# Problems 08

This exercise consists purely of bonus points.

Due date: 27.01.20 11:59pm <br>
Email Address: statistik@cl.uni-heidelberg.de AND staniek@cl.uni-heidelberg.de<br>
Subject: [statistik] Problems08 Nachname, Vorname <br>
Format: .zip file containing the notebook and all auxiliary files. Answers in English or German. Mathematical formulas in $\LaTeX$.

In [None]:
label_names = {'Iris-setosa': 0, 'Iris-versicolor': 1, 'Iris-virginica': 2}

def read_data(filename):
    """
    Reads an annotated corpus into a list.
    
    Args:
    filename -- str -- The name of the corpus file.
    
    Returns:
    documents -- list -- A list of all documents with their corresponding label.
    """
    with open(filename, 'r', encoding="utf-8") as data:
        documents = [line.split(",") for line in data.read().split("\n") if line != ""]
    return documents
    

def get_vectors(data):
    """
    Cleans up the document representations. 
    ['5.1', '3.5', '1.4', '0.2', 'Iris-setosa'] -> [[5.1, 3.5, 1.4, 0.2], 0]
    
    Args:
    data -- list -- A list of all documents with their corresponding label.
    
    Returns:
    vectors -- list -- A list of all document vectors with their corresponding label.
    """
    return [[[float(x) for x in example[:-1]], label_names[example[-1]]] for example in data]

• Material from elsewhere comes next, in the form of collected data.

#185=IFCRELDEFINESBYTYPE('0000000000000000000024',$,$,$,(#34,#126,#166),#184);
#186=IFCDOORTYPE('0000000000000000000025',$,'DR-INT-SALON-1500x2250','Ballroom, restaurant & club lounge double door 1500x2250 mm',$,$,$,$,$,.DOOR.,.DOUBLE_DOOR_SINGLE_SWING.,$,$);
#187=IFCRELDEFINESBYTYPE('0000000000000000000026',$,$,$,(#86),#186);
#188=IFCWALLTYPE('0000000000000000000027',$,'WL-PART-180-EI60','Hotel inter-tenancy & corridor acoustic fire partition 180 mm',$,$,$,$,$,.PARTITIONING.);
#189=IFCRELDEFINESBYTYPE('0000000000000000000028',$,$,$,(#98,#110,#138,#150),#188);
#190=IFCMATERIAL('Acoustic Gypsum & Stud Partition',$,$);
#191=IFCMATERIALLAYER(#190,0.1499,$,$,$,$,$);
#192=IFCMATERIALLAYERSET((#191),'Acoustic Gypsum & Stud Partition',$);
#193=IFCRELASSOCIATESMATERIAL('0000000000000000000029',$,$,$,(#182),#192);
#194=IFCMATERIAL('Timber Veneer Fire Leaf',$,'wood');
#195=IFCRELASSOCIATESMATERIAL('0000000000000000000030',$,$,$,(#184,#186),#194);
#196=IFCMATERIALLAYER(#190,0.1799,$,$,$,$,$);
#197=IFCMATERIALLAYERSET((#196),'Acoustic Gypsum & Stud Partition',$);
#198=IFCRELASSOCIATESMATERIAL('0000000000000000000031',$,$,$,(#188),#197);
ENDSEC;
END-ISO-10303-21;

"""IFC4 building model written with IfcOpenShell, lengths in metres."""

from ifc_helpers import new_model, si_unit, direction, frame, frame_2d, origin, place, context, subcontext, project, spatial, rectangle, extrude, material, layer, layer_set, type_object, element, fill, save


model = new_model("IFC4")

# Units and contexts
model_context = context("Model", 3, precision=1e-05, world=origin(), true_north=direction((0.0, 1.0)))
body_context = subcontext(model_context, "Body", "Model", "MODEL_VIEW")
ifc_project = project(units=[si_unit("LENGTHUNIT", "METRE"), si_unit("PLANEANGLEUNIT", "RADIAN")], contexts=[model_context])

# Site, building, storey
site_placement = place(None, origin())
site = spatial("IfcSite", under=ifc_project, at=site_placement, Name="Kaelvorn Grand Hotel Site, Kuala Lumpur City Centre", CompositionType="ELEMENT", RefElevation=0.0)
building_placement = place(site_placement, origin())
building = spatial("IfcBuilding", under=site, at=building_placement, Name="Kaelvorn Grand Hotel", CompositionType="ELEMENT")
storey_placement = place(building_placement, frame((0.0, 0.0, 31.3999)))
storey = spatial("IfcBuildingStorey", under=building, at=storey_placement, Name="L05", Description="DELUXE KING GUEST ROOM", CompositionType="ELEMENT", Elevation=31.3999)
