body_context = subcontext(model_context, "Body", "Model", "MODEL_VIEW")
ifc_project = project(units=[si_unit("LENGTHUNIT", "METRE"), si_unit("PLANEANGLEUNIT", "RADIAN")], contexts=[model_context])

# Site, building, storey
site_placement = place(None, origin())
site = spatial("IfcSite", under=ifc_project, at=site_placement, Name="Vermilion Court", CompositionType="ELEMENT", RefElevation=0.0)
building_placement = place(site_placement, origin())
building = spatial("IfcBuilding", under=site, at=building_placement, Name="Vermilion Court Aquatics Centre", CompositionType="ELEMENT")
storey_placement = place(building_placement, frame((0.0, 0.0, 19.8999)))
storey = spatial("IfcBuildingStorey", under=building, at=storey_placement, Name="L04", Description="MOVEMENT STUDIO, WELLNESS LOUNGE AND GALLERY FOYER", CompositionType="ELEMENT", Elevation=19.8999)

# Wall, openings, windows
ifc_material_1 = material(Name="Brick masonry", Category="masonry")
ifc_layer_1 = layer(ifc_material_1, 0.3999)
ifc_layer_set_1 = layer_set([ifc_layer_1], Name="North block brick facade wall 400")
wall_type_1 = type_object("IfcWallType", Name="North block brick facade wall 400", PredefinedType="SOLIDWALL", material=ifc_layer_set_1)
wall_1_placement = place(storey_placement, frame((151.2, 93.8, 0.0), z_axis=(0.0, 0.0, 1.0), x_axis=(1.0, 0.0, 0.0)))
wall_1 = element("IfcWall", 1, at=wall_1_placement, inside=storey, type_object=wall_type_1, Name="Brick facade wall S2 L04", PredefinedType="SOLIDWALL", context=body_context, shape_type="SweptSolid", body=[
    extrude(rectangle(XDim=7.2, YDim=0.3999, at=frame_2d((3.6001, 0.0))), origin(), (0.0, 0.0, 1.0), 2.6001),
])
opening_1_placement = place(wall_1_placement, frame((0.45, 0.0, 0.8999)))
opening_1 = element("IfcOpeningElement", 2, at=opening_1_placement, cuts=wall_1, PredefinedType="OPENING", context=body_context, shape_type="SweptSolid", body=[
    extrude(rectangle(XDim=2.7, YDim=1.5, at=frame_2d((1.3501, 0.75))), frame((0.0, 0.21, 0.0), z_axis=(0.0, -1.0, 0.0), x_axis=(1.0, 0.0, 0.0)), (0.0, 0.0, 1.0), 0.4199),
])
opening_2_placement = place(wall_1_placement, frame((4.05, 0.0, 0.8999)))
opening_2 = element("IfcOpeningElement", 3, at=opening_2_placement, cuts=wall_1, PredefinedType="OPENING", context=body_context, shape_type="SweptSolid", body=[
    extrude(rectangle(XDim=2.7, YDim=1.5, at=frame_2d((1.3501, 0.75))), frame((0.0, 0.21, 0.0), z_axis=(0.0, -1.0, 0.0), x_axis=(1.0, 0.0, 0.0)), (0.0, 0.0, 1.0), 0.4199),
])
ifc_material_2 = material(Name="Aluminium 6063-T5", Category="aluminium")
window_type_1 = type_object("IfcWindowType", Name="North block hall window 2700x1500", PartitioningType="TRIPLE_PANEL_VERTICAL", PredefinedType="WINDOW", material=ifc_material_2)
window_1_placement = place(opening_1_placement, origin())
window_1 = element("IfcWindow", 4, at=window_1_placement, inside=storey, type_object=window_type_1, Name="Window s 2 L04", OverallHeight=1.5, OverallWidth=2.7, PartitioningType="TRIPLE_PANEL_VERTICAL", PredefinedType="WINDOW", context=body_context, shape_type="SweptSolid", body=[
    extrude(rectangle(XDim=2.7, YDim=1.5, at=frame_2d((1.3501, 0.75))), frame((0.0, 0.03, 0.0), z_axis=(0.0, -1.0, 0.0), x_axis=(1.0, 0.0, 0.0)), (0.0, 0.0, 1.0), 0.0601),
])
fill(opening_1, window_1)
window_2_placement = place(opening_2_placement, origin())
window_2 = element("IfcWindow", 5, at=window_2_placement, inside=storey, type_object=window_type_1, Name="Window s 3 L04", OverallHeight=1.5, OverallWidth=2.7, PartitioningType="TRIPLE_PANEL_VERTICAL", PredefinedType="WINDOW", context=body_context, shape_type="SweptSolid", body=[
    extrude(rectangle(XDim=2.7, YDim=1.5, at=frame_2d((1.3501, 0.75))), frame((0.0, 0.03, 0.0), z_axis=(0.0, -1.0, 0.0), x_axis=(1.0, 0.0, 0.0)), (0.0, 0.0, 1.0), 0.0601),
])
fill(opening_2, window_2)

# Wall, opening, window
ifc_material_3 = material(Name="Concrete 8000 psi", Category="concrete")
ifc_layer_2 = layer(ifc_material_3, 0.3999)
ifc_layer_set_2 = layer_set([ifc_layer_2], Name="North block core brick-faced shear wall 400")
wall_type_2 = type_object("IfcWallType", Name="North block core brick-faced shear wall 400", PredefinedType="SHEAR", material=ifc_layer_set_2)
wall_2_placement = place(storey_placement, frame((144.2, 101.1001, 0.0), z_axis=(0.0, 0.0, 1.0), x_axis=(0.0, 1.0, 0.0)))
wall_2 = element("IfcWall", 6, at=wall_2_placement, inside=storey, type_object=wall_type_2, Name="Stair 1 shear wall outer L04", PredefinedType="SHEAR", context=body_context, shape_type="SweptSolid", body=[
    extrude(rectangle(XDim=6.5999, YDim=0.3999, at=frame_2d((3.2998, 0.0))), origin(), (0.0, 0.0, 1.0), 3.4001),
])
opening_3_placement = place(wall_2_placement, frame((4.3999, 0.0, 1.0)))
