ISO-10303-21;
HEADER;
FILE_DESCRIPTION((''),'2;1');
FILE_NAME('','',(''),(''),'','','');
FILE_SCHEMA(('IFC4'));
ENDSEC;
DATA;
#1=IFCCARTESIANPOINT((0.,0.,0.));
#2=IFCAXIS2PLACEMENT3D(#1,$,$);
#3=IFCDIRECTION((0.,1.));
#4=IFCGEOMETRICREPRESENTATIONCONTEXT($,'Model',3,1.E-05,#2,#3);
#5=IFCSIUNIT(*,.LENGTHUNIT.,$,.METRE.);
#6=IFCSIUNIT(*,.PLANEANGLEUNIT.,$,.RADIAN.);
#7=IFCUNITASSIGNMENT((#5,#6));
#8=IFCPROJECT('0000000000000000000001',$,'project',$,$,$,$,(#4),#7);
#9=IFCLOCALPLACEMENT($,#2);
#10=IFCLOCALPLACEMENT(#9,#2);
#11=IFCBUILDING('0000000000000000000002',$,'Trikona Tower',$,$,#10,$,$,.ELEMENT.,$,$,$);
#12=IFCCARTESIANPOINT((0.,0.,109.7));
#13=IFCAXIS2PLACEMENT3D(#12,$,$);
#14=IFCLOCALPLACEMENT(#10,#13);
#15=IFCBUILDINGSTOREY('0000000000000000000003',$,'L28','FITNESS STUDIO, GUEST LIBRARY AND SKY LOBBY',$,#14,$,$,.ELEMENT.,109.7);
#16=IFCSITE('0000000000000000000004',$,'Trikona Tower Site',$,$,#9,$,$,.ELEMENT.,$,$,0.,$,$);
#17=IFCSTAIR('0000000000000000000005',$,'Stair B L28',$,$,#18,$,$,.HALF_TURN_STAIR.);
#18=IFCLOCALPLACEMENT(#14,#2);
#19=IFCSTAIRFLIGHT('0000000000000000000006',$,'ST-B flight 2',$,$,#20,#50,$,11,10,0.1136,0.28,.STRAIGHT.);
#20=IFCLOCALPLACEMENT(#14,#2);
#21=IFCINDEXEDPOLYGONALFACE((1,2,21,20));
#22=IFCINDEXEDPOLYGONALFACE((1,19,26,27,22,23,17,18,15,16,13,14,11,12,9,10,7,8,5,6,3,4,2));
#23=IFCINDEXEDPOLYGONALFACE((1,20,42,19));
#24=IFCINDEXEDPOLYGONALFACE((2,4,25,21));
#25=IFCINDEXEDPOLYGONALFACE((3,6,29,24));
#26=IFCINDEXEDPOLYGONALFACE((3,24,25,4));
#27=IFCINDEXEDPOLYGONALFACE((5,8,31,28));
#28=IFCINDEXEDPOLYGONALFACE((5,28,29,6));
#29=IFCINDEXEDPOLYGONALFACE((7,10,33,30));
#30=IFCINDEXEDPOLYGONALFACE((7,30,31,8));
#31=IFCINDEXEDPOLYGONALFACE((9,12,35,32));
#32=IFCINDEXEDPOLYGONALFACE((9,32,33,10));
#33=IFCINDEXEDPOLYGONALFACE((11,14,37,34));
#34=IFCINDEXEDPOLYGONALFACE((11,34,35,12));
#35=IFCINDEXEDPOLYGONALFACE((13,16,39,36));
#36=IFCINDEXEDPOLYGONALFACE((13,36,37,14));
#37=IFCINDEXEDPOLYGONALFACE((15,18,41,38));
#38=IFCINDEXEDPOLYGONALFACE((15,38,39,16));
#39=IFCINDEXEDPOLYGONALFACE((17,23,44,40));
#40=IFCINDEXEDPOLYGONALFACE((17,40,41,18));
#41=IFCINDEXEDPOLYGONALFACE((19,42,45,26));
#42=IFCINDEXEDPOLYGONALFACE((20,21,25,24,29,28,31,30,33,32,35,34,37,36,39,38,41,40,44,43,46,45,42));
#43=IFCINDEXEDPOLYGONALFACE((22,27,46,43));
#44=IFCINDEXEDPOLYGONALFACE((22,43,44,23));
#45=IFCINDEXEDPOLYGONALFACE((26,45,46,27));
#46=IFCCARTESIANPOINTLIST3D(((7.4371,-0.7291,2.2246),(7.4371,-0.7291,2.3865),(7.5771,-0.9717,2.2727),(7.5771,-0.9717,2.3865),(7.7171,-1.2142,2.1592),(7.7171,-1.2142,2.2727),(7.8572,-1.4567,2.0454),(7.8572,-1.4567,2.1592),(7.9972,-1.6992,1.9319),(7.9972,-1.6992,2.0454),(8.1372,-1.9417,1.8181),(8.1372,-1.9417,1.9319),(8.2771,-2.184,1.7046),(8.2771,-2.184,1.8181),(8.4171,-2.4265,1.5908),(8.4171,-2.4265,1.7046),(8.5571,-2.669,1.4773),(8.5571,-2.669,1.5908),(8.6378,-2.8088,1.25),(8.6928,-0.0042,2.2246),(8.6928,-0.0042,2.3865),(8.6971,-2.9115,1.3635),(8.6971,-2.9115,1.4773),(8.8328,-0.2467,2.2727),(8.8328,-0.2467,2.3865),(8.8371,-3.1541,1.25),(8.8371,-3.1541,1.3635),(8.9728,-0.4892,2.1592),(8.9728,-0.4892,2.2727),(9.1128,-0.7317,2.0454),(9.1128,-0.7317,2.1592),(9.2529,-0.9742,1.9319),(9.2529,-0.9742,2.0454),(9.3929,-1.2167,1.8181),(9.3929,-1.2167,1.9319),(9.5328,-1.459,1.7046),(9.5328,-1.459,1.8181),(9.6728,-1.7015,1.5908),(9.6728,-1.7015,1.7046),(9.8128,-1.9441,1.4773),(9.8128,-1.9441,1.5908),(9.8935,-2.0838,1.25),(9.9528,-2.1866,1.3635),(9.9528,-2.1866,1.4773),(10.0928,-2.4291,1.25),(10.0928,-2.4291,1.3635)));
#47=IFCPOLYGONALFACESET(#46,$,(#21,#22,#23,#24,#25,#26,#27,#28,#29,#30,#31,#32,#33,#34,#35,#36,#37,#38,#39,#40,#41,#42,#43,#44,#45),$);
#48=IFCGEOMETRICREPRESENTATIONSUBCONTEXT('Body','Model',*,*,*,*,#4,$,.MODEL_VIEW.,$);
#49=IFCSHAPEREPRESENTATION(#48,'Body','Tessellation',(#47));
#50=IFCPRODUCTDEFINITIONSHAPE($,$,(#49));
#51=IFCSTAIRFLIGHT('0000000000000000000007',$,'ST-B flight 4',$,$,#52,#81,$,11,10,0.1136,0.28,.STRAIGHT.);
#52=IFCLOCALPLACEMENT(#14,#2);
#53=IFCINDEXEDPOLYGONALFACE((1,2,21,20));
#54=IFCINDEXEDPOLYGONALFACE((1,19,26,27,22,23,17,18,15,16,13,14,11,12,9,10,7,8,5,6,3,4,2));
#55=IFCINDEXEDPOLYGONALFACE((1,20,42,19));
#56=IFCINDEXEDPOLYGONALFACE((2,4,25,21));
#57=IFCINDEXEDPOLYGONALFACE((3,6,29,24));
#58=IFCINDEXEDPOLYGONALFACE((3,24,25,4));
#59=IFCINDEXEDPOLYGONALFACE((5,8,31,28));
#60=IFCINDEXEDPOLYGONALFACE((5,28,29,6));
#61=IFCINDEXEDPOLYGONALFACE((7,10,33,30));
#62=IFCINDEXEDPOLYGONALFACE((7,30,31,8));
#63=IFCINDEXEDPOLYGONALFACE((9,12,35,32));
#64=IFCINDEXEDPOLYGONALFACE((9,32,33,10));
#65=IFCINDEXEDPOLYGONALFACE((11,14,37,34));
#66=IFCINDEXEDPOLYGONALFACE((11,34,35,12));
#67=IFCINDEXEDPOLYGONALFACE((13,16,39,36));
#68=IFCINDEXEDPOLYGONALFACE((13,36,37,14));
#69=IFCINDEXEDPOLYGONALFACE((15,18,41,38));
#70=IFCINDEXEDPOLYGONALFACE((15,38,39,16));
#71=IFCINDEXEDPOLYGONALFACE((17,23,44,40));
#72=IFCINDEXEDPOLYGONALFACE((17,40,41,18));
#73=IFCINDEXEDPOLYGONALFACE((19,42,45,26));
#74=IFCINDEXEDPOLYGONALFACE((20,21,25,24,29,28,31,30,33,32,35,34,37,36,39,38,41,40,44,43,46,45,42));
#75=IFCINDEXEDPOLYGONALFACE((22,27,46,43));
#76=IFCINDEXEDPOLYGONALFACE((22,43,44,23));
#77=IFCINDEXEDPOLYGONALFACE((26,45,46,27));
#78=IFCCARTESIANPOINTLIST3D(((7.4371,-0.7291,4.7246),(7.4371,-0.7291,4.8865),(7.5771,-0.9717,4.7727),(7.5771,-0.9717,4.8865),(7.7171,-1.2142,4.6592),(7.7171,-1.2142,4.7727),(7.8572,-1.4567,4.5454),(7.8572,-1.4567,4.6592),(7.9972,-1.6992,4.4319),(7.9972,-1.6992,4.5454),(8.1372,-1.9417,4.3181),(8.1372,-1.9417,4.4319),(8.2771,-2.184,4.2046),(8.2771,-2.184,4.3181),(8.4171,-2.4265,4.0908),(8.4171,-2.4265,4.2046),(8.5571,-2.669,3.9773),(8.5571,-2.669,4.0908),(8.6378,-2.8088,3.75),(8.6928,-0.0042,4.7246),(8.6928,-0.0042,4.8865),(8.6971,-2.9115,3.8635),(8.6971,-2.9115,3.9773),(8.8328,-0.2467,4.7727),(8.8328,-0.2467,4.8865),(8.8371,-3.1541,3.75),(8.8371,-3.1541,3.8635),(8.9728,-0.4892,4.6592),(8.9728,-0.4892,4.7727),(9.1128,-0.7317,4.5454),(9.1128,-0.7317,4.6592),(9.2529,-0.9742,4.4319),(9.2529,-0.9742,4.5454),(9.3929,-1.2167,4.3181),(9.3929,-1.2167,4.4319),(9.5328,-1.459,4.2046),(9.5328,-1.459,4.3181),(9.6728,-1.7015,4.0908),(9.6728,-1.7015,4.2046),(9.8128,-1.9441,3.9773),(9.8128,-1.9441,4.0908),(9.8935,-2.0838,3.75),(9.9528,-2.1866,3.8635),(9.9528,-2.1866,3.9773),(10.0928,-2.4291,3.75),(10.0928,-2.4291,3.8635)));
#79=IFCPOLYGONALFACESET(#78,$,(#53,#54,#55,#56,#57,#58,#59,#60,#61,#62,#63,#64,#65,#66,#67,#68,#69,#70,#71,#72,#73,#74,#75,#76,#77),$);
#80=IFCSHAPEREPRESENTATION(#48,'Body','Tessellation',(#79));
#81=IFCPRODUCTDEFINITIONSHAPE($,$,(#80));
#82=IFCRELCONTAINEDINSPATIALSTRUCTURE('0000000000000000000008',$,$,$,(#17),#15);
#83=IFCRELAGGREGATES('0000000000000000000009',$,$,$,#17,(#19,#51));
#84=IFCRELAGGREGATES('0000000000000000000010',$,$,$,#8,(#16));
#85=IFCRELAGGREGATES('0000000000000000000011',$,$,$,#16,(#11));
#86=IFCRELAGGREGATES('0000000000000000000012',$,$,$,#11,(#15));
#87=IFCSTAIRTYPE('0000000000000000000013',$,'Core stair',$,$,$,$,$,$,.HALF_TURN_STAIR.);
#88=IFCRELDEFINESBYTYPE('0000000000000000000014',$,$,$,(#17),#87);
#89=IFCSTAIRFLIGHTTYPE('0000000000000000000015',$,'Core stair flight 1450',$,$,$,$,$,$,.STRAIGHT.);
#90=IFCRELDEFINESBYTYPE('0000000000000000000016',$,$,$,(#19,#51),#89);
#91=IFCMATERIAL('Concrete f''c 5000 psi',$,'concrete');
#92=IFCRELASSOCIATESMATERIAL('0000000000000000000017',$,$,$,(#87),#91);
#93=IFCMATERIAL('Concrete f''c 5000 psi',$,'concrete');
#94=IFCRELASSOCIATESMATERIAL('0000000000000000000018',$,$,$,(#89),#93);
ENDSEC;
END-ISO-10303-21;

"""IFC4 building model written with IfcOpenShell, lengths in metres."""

from ifc_helpers import new_model, si_unit, direction, frame, origin, place, context, subcontext, project, spatial, polyline, outline, extrude, material, type_object, element, aggregate, save


model = new_model("IFC4")

# Units and contexts
model_context = context("Model", 3, precision=1e-05, world=origin(), true_north=direction((0.0, 1.0)))
body_context = subcontext(model_context, "Body", "Model", "MODEL_VIEW")
ifc_project = project(units=[si_unit("LENGTHUNIT", "METRE"), si_unit("PLANEANGLEUNIT", "RADIAN")], contexts=[model_context])

# Site, building, storey
site_placement = place(None, origin())
site = spatial("IfcSite", under=ifc_project, at=site_placement, Name="Trikona Tower Site", CompositionType="ELEMENT", RefElevation=0.0)
building_placement = place(site_placement, origin())
building = spatial("IfcBuilding", under=site, at=building_placement, Name="Trikona Tower", CompositionType="ELEMENT")
storey_placement = place(building_placement, frame((0.0, 0.0, 109.7)))
storey = spatial("IfcBuildingStorey", under=building, at=storey_placement, Name="L28", Description="FITNESS STUDIO, GUEST LIBRARY AND SKY LOBBY", CompositionType="ELEMENT", Elevation=109.7)

# Stair
ifc_material_1 = material(Name="Concrete f'c 5000 psi", Category="concrete")
stair_type = type_object("IfcStairType", Name="Core stair", PredefinedType="HALF_TURN_STAIR", material=ifc_material_1)
stair_1_placement = place(storey_placement, origin())
stair_1 = element("IfcStair", 1, at=stair_1_placement, inside=storey, type_object=stair_type, Name="Stair B L28", PredefinedType="HALF_TURN_STAIR")

# Stair flights
ifc_material_2 = material(Name="Concrete f'c 5000 psi", Category="concrete")
stair_flight_type = type_object("IfcStairFlightType", Name="Core stair flight 1450", PredefinedType="STRAIGHT", material=ifc_material_2)
stair_flight_1_placement = place(storey_placement, frame((9.4651, -2.7915, 1.25), z_axis=(0.0, 0.0, 1.0), x_axis=(-0.5, 0.866025, 0.0)))
stair_flight_1 = element("IfcStairFlight", 2, at=stair_flight_1_placement, type_object=stair_flight_type, Name="ST-B flight 2", NumberOfRisers=11, NumberOfTreads=10, PredefinedType="STRAIGHT", RiserHeight=0.1136, TreadLength=0.28, context=body_context, shape_type="SweptSolid", body=[
    extrude(outline(polyline([(0.0, 0.0), (0.0, 0.1135), (0.28, 0.1135), (0.28, 0.2273), (0.5601, 0.2273), (0.5601, 0.3408), (0.8401, 0.3408), (0.8401, 0.4546), (1.1201, 0.4546), (1.1201, 0.5681), (1.3999, 0.5681), (1.3999, 0.6819), (1.6799, 0.6819), (1.6799, 0.7954), (1.96, 0.7954), (1.96, 0.9092), (2.24, 0.9092), (2.24, 1.0227), (2.52, 1.0227), (2.52, 1.1365), (2.8, 1.1365), (2.8, 1.25), (2.8, 0.9746), (0.3987, 0.0), (0.0, 0.0)])), frame((0.0, 0.7251, 0.0), z_axis=(0.0, -1.0, 0.0), x_axis=(1.0, 0.0, 0.0)), (0.0, 0.0, 1.0), 1.45),
])
stair_flight_2_placement = place(storey_placement, frame((9.4651, -2.7915, 3.75), z_axis=(0.0, 0.0, 1.0), x_axis=(-0.5, 0.866025, 0.0)))
stair_flight_2 = element("IfcStairFlight", 3, at=stair_flight_2_placement, type_object=stair_flight_type, Name="ST-B flight 4", NumberOfRisers=11, NumberOfTreads=10, PredefinedType="STRAIGHT", RiserHeight=0.1136, TreadLength=0.28, context=body_context, shape_type="SweptSolid", body=[
    extrude(outline(polyline([(0.0, 0.0), (0.0, 0.1135), (0.28, 0.1135), (0.28, 0.2273), (0.5601, 0.2273), (0.5601, 0.3408), (0.8401, 0.3408), (0.8401, 0.4546), (1.1201, 0.4546), (1.1201, 0.5681), (1.3999, 0.5681), (1.3999, 0.6819), (1.6799, 0.6819), (1.6799, 0.7954), (1.96, 0.7954), (1.96, 0.9092), (2.24, 0.9092), (2.24, 1.0227), (2.52, 1.0227), (2.52, 1.1365), (2.8, 1.1365), (2.8, 1.25), (2.8, 0.9746), (0.3987, 0.0), (0.0, 0.0)])), frame((0.0, 0.7251, 0.0), z_axis=(0.0, -1.0, 0.0), x_axis=(1.0, 0.0, 0.0)), (0.0, 0.0, 1.0), 1.45),
])
aggregate(stair_1, [stair_flight_1, stair_flight_2])

save(model, "model.ifc")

def split_train_test(data):
    training_data = []
    test_data = []

    for i in range(len(data)):
        if i % 5 == 0:
            test_data.append(data[i])
        else:
            training_data.append(data[i])
            
    return training_data, test_data


# Exercise 1

https://stackabuse.com/introduction-to-pytorch-for-classification/

Please read the tutorial. 
Annotate the following 2 code boxes with comments

In [None]:
import torch
import torch.nn.functional as F
from torch.utils.data import TensorDataset, DataLoader
import torch.nn as nn


class ClassificationModel(nn.Module):
    def __init__(self, input_size=4, class_labels=3, hidden_size=3):
        super(ClassificationModel, self).__init__()
        self.linear = nn.Linear(input_size, hidden_size)
        self.linear2 = nn.Linear(hidden_size, class_labels)
        
    def forward(self, x):
        return F.log_softmax(self.linear2(F.relu(self.linear(x))))

In [None]:

iris = read_data("iris.data")
data = get_vectors(iris)
training_data, test_data = split_train_test(data)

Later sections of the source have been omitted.